11 Young Art Dealers Who Are Revitalizing Their Art Scenes

Smaller galleries may be under pressure, but these inspiration figures are forging ahead.

Performance by Irene Maria Caraba, as part of Ditte Gantriis's Sexual Feeling (2016), at Frutta.

Small and mid-size galleries may be facing unprecedented pressures, but don’t tell that to these young dealers. From Paris to Prishtina, these plucky young gallerists are making bricks and mortar work for them by engaging in new kinds of collaboration, setting up shop in unorthodox locations, and using their spaces as platforms for local artists who have not previously gotten much international attention.

Below, meet 10 dealers in hubs both old and new who are helping to transform the art scenes around them.

1. Freymond-Guth Ltd. Fine Arts (Basel, Switzerland)

JJean-Claude Freymond-Guth inside his subterranean gallery in Basel. Photo by Nils Fisc, courtesy the gallery.

Jean-Claude Freymond-Guth inside his subterranean gallery in Basel. Photo by Nils Fisc, courtesy the gallery.

In June 2016, artist-turned-collector-turned-dealer Jean-Claude Freymond-Guth relocated his gallery from Zurich to Basel just in time for Art Basel—and into a location a stone’s throw away from the fair, too. The move meant a transfusion of fresh blood for the local gallery scene. With the exception of one week a year, the city on the Rhine is not exactly known as a hotspot for young, contemporary art.

“Basel has a unique tradition in building collections and philanthropy,” Freymond-Guth explains, “but is also home to some of Switzerland’s most dynamic institutions, such as the Kunsthalle with curator Elena Filipovic, or the art school headed by Chus Martinez.”

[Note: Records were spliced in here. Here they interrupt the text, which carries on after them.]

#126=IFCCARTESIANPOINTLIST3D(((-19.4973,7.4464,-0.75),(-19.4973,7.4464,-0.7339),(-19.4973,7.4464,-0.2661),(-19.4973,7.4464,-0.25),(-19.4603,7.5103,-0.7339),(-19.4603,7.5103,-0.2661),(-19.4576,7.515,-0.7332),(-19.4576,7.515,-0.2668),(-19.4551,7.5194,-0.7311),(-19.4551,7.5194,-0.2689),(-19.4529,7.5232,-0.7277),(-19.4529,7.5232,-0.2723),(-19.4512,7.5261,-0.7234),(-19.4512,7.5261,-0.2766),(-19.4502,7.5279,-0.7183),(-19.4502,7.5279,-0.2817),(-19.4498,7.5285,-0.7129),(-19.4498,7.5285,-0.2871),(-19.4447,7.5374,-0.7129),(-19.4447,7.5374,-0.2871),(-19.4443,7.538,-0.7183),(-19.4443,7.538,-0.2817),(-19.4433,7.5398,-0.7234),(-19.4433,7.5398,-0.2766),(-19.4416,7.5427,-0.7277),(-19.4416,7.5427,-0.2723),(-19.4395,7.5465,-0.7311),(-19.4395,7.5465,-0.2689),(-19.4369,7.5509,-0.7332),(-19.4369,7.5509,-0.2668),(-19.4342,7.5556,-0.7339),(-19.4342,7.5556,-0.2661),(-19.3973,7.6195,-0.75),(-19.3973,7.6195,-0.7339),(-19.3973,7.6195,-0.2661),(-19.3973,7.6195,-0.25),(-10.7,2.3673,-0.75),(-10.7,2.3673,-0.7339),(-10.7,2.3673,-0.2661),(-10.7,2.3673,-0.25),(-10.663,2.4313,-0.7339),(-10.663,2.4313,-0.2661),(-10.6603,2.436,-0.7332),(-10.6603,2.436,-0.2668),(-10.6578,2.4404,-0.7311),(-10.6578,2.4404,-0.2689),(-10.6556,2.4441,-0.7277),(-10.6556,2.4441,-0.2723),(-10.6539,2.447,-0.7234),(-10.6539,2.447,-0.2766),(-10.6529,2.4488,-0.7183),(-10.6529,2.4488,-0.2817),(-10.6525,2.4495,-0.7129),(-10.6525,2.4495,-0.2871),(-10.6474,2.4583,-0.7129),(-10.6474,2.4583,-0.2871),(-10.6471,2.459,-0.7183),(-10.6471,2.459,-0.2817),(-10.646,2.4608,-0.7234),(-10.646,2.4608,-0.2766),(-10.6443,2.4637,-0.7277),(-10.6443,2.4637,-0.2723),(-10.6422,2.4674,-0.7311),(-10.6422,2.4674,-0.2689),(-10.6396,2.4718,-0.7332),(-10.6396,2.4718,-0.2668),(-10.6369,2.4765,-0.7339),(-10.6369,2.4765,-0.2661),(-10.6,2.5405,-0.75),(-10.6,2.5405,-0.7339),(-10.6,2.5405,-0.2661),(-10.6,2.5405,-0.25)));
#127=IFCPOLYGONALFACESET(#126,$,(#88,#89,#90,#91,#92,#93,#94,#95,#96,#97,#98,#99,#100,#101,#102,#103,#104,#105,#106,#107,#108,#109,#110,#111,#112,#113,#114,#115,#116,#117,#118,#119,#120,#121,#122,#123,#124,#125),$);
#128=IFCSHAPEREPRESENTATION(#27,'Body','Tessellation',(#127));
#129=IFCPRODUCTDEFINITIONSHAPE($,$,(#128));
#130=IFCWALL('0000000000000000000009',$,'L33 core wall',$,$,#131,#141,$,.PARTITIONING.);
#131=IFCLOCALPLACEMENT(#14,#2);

One year on, the gallerist, whose exciting roster is filled with video and installation artists, does not regret the move. “The proximity to the fair and the incredible space made the opportunities complete,” he says, referring to the subterranean, 800-square-meter concrete space refurbished by the Herzog & de Meuron. “Oh, and Basel is just absolutely beautiful to live in,” he adds.

2. Galerie Crèvecoeur (Paris, France)

Axel Dibie and Alix Dionot-Morani, courtesy of Crèvecoeur, Paris.

Paris’s trendy Galerie Crèvecoeur was founded in 2009 by Axel Dibie and Alix Dionot-Morani after they met studying politics and art history at the prestigious Sciences Po. Eager for Crèvecoeur to break into the circuit, the upstart duo settled into a gallery space in the historic Belleville neighborhood, a hive of emerging galleries with a diverse cast of inhabitants. The young gallerists now support a program of French and international artists in the naturally lit 160-square-meter space on Rue des Cascades.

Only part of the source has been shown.